Rick shakes her hand, nodding mutely. His mind is screaming, but all he can think to say is, “I’m sorry for your loss.”

She laughs, a full belly laugh shaking her body. “Oh hon, don’t worry about it.” She nods her head over to her parked car, raising an eyebrow to him, and he follows her, careful to stay close but not crowd her. When she opens his door, he chuckles a little, starting to laugh harder when he gets in. “What?” she calls out to him as she goes around, getting in the driver’s seat.

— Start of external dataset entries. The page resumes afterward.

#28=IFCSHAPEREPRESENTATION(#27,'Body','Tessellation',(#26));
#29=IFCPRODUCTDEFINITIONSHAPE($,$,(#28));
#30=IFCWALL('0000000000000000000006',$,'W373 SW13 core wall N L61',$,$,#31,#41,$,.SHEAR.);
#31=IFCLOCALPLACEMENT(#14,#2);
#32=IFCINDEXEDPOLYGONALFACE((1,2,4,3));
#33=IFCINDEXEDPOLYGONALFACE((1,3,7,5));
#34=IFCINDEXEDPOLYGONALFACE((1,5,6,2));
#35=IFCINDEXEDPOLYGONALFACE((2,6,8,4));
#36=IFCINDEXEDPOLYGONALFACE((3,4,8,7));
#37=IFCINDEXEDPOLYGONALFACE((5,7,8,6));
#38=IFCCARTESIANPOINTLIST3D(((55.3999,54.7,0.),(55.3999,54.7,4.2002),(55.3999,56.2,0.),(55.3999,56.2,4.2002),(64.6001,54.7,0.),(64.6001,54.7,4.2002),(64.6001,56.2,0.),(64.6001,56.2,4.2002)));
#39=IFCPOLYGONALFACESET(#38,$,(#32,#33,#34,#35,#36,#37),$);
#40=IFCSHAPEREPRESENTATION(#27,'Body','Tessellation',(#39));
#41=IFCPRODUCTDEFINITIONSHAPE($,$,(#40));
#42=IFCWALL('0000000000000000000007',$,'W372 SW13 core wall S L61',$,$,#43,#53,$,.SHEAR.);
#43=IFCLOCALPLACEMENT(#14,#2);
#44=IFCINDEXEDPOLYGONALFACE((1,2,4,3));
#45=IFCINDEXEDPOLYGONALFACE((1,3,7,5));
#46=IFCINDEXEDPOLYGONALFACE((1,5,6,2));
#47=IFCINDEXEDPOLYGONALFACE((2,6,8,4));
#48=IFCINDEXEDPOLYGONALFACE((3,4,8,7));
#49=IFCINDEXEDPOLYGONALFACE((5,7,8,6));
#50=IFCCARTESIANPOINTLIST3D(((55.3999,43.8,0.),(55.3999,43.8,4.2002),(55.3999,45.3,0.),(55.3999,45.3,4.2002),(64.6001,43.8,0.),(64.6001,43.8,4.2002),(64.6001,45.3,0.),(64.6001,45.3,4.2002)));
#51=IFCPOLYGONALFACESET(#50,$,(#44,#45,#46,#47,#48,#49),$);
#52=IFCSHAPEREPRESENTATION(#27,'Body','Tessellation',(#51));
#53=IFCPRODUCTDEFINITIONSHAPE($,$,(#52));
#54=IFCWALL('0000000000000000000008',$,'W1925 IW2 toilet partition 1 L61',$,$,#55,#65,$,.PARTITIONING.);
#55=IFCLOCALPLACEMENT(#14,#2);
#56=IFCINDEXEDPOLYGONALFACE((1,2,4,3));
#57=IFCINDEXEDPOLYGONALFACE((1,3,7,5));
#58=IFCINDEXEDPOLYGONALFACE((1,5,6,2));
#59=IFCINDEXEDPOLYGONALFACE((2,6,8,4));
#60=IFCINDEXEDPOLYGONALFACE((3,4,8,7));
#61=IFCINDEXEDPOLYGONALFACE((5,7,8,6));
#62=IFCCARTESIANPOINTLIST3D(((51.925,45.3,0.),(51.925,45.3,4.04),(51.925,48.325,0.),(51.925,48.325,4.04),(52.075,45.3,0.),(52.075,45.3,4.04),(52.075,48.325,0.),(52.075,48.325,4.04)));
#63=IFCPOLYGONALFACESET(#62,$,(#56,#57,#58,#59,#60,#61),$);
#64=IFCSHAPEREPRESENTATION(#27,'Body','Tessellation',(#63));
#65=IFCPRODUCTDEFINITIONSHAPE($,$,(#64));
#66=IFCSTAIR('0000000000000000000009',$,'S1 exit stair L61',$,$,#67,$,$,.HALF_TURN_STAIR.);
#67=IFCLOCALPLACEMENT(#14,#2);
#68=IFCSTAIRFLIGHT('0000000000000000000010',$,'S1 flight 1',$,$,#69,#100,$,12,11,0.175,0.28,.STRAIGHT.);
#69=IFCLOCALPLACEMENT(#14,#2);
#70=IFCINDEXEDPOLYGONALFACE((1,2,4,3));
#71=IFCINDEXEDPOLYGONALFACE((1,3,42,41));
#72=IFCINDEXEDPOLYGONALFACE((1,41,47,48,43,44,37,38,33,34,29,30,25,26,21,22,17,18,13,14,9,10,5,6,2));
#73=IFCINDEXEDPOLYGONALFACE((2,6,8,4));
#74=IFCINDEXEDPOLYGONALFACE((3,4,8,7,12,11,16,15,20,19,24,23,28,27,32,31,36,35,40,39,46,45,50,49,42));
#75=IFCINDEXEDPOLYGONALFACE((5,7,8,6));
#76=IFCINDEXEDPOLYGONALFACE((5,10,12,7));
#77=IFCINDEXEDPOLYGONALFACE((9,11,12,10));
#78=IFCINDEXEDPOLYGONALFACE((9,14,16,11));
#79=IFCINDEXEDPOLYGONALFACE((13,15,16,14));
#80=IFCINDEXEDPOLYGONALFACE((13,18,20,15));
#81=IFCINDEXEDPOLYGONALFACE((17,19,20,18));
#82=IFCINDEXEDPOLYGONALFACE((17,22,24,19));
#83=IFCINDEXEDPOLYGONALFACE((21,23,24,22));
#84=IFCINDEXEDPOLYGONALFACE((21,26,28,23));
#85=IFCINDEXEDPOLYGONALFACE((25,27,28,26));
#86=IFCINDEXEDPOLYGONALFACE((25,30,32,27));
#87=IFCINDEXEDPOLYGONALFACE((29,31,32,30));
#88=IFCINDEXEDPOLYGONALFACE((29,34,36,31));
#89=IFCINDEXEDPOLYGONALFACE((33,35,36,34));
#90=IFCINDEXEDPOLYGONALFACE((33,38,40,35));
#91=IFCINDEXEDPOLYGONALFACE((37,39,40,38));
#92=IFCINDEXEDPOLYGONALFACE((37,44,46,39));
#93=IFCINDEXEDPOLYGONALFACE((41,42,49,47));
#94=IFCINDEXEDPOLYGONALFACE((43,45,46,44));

He wipes at his eyes, trying not to laugh. “I thought that… y’know, the… grave. I thought, ‘Well, that’s my soulmate. She’s dead, and life’s gonna just shit on me for the fun of it,’ you know? Then I hear you, and I felt my heart damn near shoot from my chest to my ass. But, then, I saw you, not a ghost or some weird looking mutant, and I think that life’s finally paying off.was

She shakes her head, looking at him before the giggles really hit. When she turns the key and the engine doesn’t turn over, she laughs out loud. The next time, he joins in. The next, they start laughing hard enough to send tears rolling down their faces. “Always gotta take the bad with the good, huh?” she asks, eyes sparkling.

In an answer, he grabs her hand and kisses her knuckles, eyes looking to the side at his phone as he searches for a tow company.